# Wasserstandsmessung mit ein Staudruckrohr



## rainer-step5 (22 August 2007)

Hallo an alle,
ich möchte mit einem Druckmessumformer die Wassermenge in einem 1 qm³ und 7 qm³ Tank erfassen. Der Messumformer soll an einem Studruckrohr das im Tank ( vom Boden bis über die Oberkannte geht) montiert werden. Das Medium ist meistens Wasser mit diversen Chemikalien versetzt.
Wer weiß wie groß der Sensor bzw. der Messbereich sein muß, oder wie man das berechnet?

Danke


----------



## zotos (22 August 2007)

1. Doppelposts sind scheiße!

2. http://de.wikipedia.org/wiki/Wasserdruck

3. erst nach lesen von 2. wieder und dann genauer Fragen  ;o)
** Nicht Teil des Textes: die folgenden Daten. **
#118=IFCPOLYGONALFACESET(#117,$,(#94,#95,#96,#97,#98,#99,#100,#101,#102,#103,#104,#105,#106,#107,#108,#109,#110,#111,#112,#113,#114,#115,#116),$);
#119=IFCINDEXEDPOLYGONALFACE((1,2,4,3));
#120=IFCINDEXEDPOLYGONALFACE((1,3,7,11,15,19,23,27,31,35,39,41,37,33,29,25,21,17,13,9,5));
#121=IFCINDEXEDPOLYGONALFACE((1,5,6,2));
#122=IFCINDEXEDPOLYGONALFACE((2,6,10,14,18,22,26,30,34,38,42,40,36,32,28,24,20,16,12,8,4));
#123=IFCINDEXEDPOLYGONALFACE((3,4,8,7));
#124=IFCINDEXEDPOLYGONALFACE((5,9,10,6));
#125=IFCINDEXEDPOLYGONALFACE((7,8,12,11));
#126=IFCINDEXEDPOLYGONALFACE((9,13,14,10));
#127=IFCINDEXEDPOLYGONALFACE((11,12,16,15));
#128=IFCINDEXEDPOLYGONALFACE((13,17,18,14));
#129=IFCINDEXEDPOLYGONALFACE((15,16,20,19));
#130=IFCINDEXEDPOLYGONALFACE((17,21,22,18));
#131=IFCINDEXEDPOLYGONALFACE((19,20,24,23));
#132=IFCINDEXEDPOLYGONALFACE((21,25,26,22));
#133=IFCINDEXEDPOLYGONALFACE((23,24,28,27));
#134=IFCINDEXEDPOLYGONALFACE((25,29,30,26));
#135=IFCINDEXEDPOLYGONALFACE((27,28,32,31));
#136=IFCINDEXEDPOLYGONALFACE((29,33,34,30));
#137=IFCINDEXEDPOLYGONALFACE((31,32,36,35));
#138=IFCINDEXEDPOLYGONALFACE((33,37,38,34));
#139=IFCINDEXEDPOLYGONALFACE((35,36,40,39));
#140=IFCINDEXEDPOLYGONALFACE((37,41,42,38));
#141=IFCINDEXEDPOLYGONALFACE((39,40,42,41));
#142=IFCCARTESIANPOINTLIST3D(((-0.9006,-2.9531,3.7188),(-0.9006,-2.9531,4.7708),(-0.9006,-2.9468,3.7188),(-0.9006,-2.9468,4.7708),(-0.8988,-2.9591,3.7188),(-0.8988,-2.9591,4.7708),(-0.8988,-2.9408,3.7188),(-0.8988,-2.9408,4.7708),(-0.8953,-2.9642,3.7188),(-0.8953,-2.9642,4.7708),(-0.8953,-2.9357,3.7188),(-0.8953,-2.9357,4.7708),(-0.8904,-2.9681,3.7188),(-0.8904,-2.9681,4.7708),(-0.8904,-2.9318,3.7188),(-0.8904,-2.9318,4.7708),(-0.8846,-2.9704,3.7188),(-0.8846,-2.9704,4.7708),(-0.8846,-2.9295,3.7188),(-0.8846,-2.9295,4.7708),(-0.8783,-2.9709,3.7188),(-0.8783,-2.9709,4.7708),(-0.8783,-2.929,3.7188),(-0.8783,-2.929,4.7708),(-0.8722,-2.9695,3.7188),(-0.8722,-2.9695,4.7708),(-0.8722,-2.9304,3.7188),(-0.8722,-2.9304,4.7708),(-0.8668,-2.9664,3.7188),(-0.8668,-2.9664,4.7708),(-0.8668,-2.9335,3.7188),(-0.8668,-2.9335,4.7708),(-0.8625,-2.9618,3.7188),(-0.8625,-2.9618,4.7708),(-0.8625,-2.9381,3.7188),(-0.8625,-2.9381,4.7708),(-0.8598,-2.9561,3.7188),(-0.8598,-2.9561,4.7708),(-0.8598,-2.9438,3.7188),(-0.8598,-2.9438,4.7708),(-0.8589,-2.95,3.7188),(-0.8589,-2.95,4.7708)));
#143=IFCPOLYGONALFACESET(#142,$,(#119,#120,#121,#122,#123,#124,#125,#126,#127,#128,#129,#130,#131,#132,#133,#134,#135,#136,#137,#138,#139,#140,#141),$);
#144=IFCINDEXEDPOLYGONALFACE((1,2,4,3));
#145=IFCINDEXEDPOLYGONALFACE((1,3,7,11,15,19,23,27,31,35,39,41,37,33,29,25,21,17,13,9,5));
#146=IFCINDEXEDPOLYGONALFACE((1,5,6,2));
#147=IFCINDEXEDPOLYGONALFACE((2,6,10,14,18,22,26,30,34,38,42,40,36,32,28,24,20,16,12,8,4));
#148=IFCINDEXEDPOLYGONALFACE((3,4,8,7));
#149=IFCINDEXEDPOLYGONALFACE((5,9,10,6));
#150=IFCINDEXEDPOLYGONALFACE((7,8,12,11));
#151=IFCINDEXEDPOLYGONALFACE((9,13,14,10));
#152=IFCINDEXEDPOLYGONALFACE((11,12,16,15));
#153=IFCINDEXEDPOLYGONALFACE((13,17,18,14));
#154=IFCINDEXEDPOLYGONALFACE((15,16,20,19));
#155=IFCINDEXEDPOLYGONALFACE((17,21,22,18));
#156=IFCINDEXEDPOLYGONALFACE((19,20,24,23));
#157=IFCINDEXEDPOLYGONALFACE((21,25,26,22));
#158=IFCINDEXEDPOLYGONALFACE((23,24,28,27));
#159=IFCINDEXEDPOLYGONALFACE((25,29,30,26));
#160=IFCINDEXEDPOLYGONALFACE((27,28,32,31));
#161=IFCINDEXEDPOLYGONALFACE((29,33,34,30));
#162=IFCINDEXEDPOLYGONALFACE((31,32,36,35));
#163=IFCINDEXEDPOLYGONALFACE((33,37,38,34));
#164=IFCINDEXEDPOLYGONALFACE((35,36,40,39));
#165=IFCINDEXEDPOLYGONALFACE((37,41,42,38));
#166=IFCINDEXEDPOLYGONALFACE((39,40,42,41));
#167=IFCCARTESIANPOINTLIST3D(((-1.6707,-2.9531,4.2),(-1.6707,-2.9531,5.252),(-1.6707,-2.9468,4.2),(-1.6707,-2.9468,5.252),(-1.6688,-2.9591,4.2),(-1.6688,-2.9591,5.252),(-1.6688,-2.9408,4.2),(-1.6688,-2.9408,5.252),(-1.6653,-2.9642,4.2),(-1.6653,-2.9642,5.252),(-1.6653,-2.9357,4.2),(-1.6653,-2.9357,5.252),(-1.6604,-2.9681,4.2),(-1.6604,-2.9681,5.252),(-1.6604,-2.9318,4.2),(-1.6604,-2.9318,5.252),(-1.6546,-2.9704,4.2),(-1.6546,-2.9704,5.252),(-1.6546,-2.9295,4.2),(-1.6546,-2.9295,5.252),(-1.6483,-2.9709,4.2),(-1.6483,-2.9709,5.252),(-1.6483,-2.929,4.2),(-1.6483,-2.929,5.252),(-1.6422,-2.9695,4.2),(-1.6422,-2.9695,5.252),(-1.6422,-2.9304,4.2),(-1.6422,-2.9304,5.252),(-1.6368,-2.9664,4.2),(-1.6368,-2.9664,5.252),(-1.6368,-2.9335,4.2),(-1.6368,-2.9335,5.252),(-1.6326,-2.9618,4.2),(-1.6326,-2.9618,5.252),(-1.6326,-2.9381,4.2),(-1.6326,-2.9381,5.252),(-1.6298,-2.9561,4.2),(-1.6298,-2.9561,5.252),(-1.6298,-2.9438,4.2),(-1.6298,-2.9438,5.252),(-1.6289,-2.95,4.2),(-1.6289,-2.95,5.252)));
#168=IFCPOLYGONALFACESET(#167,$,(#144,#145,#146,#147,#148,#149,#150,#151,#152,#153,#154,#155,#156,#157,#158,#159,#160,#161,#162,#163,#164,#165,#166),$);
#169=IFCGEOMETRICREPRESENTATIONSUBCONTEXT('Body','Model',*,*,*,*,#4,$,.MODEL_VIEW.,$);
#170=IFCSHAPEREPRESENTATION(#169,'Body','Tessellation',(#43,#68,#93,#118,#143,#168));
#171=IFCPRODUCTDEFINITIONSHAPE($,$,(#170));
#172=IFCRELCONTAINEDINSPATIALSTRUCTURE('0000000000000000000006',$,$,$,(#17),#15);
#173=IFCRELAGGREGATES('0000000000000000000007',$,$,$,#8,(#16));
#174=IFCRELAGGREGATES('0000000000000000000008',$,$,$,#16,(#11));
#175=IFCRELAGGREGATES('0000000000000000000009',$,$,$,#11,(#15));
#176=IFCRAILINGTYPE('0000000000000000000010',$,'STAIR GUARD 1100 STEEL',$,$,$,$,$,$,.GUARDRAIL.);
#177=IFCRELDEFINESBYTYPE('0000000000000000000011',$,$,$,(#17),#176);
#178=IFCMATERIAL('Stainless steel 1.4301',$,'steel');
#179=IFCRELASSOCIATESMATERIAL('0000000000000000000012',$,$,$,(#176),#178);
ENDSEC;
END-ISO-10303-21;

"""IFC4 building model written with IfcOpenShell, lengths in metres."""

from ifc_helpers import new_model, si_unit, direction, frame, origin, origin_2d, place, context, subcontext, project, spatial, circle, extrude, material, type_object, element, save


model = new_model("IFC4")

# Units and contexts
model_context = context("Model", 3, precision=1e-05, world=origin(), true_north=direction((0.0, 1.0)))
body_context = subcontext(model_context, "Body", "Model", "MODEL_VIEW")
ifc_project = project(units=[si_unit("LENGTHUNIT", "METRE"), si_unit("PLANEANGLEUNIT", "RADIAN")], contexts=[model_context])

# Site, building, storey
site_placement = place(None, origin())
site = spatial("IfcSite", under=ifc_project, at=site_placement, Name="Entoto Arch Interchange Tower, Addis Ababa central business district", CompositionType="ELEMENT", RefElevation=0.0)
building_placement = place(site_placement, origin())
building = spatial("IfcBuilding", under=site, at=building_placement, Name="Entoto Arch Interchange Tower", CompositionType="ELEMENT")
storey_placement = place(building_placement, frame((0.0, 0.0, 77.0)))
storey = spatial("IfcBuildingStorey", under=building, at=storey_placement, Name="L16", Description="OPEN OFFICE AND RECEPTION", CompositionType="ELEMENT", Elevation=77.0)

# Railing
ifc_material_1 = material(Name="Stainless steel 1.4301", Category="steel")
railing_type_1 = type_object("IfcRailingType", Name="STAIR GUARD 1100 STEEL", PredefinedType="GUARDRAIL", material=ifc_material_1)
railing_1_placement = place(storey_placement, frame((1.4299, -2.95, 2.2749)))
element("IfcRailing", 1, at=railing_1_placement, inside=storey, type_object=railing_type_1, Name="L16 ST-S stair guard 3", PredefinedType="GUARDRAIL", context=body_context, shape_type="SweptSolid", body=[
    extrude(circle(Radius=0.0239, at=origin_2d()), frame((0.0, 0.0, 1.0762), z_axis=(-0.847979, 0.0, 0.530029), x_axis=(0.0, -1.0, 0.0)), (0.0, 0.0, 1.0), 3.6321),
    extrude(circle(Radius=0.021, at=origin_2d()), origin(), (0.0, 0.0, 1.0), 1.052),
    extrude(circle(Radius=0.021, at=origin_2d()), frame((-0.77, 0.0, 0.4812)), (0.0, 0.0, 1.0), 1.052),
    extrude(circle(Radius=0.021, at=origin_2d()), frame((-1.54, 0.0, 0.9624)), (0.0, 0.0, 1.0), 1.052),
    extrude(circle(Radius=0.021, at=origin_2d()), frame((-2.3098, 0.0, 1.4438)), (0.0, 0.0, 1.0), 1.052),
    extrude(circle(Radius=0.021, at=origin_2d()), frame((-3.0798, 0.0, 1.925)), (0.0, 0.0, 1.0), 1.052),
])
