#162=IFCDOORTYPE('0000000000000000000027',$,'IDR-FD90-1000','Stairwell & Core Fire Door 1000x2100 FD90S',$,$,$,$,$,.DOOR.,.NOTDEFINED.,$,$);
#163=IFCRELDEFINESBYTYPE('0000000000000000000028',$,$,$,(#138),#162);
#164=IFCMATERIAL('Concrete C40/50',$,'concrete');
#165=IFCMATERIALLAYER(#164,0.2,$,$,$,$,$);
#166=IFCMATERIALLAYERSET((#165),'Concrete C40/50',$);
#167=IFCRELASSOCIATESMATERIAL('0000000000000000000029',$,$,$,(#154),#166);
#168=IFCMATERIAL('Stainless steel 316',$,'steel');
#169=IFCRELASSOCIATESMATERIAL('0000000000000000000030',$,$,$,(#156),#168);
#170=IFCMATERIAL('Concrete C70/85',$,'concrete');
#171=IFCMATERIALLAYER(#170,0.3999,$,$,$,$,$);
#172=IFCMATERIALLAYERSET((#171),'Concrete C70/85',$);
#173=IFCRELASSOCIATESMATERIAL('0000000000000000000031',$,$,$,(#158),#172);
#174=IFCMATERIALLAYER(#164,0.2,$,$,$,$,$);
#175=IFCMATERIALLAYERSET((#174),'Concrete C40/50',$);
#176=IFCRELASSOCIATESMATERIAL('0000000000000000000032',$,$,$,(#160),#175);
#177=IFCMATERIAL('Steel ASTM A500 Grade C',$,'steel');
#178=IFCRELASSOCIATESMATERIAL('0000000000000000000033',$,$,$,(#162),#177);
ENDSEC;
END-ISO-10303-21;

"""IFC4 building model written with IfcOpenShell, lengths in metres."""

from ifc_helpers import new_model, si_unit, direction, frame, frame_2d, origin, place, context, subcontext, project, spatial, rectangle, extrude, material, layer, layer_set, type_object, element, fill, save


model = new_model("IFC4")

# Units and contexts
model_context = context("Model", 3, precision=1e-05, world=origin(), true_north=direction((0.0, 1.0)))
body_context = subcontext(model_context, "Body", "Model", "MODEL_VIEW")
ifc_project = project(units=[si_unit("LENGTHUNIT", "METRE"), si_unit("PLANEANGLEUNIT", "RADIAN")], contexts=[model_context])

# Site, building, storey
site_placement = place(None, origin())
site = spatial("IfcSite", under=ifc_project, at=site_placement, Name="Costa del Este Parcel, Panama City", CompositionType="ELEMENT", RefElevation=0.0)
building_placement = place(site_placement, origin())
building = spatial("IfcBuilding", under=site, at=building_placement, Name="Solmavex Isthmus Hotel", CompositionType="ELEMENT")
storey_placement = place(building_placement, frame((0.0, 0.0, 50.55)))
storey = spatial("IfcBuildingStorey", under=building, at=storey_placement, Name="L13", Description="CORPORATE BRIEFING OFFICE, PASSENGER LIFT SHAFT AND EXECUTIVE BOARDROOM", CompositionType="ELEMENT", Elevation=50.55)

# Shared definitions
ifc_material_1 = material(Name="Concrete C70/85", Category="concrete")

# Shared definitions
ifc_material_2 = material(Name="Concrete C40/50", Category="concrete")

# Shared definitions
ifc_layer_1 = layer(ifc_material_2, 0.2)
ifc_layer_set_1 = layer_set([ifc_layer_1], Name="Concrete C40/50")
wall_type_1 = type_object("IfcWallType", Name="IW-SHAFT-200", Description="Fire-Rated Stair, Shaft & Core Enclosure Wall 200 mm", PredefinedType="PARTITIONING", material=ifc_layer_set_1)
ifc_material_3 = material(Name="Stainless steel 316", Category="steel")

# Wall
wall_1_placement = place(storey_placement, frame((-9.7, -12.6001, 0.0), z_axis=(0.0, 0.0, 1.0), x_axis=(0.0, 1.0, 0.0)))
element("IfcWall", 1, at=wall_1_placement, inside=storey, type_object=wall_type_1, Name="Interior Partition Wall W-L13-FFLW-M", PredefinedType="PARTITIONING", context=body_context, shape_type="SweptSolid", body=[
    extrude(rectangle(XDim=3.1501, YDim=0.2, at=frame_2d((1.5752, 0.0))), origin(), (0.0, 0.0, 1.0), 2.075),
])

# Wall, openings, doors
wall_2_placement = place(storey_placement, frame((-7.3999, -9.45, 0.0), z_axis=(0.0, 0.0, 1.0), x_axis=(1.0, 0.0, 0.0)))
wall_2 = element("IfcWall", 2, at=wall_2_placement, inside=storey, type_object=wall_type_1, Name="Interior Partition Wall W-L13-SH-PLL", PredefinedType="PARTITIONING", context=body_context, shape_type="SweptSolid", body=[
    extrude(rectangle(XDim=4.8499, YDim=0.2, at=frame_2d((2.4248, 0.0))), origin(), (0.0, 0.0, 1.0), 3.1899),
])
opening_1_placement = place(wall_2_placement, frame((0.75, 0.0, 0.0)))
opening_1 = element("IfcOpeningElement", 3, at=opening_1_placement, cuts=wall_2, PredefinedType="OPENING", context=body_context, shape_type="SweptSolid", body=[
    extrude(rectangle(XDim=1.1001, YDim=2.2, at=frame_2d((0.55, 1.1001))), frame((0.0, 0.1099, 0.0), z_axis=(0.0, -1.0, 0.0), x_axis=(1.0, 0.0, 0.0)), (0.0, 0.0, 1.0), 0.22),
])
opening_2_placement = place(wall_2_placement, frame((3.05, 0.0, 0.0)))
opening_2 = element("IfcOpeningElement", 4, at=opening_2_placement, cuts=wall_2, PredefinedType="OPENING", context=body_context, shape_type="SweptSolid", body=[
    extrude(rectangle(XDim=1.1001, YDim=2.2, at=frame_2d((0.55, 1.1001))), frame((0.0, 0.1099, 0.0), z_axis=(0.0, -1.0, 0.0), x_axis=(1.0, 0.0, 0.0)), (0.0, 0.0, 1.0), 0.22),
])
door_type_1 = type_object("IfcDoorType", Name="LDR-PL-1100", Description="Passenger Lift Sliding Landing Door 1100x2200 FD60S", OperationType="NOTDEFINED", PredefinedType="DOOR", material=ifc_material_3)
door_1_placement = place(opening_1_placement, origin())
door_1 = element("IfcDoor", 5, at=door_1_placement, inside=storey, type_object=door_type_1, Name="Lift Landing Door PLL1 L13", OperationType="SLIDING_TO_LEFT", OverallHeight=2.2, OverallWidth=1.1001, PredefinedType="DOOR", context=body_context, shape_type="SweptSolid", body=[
- Welche Form hat der Behälter?

- Dimensionen? 

und das Rohr?


Wenn das eine flache Wanne ist sieht das natürlich anders aus wie in einem hohen Zylinder.


----------



## Ralle (22 August 2007)

@zotos

*WAS,* ich bin ein Schnarchsack? :twisted: Na warte zotos!

@rainer-step5

Bitte keine Doppelposts, wer was dazu weiß, antwortet dir auch unter Elektronik.


----------



## rainer-step5 (22 August 2007)

Dankle an Zoto,
geht aber auch freundlicher!!


----------



## Ralle (22 August 2007)

rainer-step5 schrieb:


> Dankle an Zoto,
> geht aber auch freundlicher!!



Wenn du zotos kennen würdest, wüßtest du sicherlich, das er dir hätte noch wesenlich unfreundlicher antworten können, wenn er nur gewollt hätte und heute nicht so gut drauf wäre.


----------



## zotos (22 August 2007)

Also welche Form hat denn nun der Behälter?

Ich denke da an eine Formel in der man die Dimensionen des Behälters und denn Druck vom Sensor aufnimmt und als Ergebnis das aktuelle Volumen bekommt.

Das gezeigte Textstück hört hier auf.